Mantan Ketua KPK itu juga menyebutkan, jaksa agung sebaiknya figur yang netral dan independen. Juga tidak terkait dengan kepentingan politik atau kelompok politik tertentu, sehingga penegakan hukum dapat ditegakkan dengan adil.
Menurut dia, kalau ada aspirasi dari lingkungan internal Kejaksaan Agung yang mengharapkan agar jaksa agung mendatang adalah figur yang netral dan independen, harapan itu tidak salah.
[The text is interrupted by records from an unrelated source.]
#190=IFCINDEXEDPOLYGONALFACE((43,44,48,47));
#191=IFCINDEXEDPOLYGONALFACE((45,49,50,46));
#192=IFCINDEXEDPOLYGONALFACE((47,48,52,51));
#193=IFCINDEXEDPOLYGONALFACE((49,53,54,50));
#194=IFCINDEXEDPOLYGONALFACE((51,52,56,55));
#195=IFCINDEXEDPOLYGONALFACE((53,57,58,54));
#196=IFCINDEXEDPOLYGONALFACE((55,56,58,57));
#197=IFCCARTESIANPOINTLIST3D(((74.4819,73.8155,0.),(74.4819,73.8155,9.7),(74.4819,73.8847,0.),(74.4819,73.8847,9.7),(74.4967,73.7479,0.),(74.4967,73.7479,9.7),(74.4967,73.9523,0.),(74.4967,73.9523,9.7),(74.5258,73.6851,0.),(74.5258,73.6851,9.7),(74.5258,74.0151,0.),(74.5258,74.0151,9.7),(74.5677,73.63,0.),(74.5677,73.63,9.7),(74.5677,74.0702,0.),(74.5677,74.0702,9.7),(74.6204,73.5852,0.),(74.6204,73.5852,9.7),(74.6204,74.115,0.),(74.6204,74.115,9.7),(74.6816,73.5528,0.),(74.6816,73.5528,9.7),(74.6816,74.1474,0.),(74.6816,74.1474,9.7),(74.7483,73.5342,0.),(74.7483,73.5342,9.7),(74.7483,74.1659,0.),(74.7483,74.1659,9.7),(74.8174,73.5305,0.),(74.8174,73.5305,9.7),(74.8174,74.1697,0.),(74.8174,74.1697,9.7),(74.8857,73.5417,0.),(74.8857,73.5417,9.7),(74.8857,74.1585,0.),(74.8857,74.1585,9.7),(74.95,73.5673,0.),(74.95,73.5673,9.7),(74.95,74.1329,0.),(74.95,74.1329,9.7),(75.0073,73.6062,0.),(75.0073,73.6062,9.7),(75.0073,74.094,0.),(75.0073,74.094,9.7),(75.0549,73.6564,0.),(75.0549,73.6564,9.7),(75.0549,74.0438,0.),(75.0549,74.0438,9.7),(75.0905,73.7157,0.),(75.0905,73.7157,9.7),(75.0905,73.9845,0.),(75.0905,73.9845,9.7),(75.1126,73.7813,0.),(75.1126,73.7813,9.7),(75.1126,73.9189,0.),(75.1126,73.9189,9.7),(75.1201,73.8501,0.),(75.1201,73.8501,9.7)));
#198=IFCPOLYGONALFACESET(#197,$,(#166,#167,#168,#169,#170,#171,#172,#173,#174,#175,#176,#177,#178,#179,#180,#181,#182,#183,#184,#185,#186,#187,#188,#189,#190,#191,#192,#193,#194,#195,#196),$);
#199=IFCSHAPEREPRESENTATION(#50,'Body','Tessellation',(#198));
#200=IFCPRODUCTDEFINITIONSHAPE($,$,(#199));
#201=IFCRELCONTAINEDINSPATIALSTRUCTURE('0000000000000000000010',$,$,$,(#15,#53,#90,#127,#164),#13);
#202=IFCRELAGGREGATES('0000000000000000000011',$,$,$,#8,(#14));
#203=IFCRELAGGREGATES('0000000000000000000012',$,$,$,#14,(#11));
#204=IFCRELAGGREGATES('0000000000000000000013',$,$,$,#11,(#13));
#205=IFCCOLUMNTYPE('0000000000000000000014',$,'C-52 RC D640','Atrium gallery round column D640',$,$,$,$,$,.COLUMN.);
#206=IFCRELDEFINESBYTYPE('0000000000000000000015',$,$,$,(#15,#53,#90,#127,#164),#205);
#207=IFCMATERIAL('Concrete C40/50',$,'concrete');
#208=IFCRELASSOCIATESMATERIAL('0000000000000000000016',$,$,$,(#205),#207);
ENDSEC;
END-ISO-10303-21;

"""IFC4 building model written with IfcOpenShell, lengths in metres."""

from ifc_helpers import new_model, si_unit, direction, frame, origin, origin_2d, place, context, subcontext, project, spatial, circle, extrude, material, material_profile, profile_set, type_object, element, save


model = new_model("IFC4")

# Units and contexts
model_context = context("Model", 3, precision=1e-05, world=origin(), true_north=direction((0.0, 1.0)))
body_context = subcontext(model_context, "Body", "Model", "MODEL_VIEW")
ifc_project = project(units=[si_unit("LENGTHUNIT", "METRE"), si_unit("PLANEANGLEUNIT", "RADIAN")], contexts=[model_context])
Sebelumnya, Pengamat Kejaksaan Chairul Imam mengusulkan agar Presiden Joko Widodo memilih jaksa agung dari figur yang kompeten, diutamakan jaksa karir, dan sangat memahami seluk-beluk tata kelola di Kejaksaan Agung.
"Presiden terpilih hendaknya memilih jaksa agung dari figur yang benar-benar independen dan memiliki rekam jejak baik dan bersih, sehingga dalam kerjanya dapat menegakkan supremasi hukum secara tegas dan berkeadilan," kata Chairul Imam.
Menurut mantan Direktur Penyidikan Kejaksan Agung ini, pemilihan jaksa agung hendaknya tidak dipilih seperti menteri kabinet yang akan membuat kebijakan dan keputusan politik. "Jaksa agung hendaknya membuat keputusan hukum, bukan keputusan politik," kata dia.
Pengajar pada Pusat Pendididikan dan Latihan (Pusdiklat) Kejaksaan ini menjelaskan, jaksa agung berbeda dengan menteri kabinet. Menurut dia, jaksa agung bertanggung jawab terhadap teknis dan administratif pada setiap tingkatan kejaksaan."Karena itu, jaksa agung hendaknya figur yang kompeten dan sangat memahami seluk-beluk tata kelola kejaksaan," ujar dia.
Kalau keputusan politik di bidang hukum, kata dia, ada pada Menteri Hukum dan HAM serta pejabat eselon satu di Kementerian Hukum dan HAM. Pada cabang kekuasaan yudikatif, Kejaksaan Agung itu seperti direktorat jenderal tapi lebih luas. Karena itu jaksa agung harus sangat paham seluk-beluk tata kelola Kejaksaan Agung.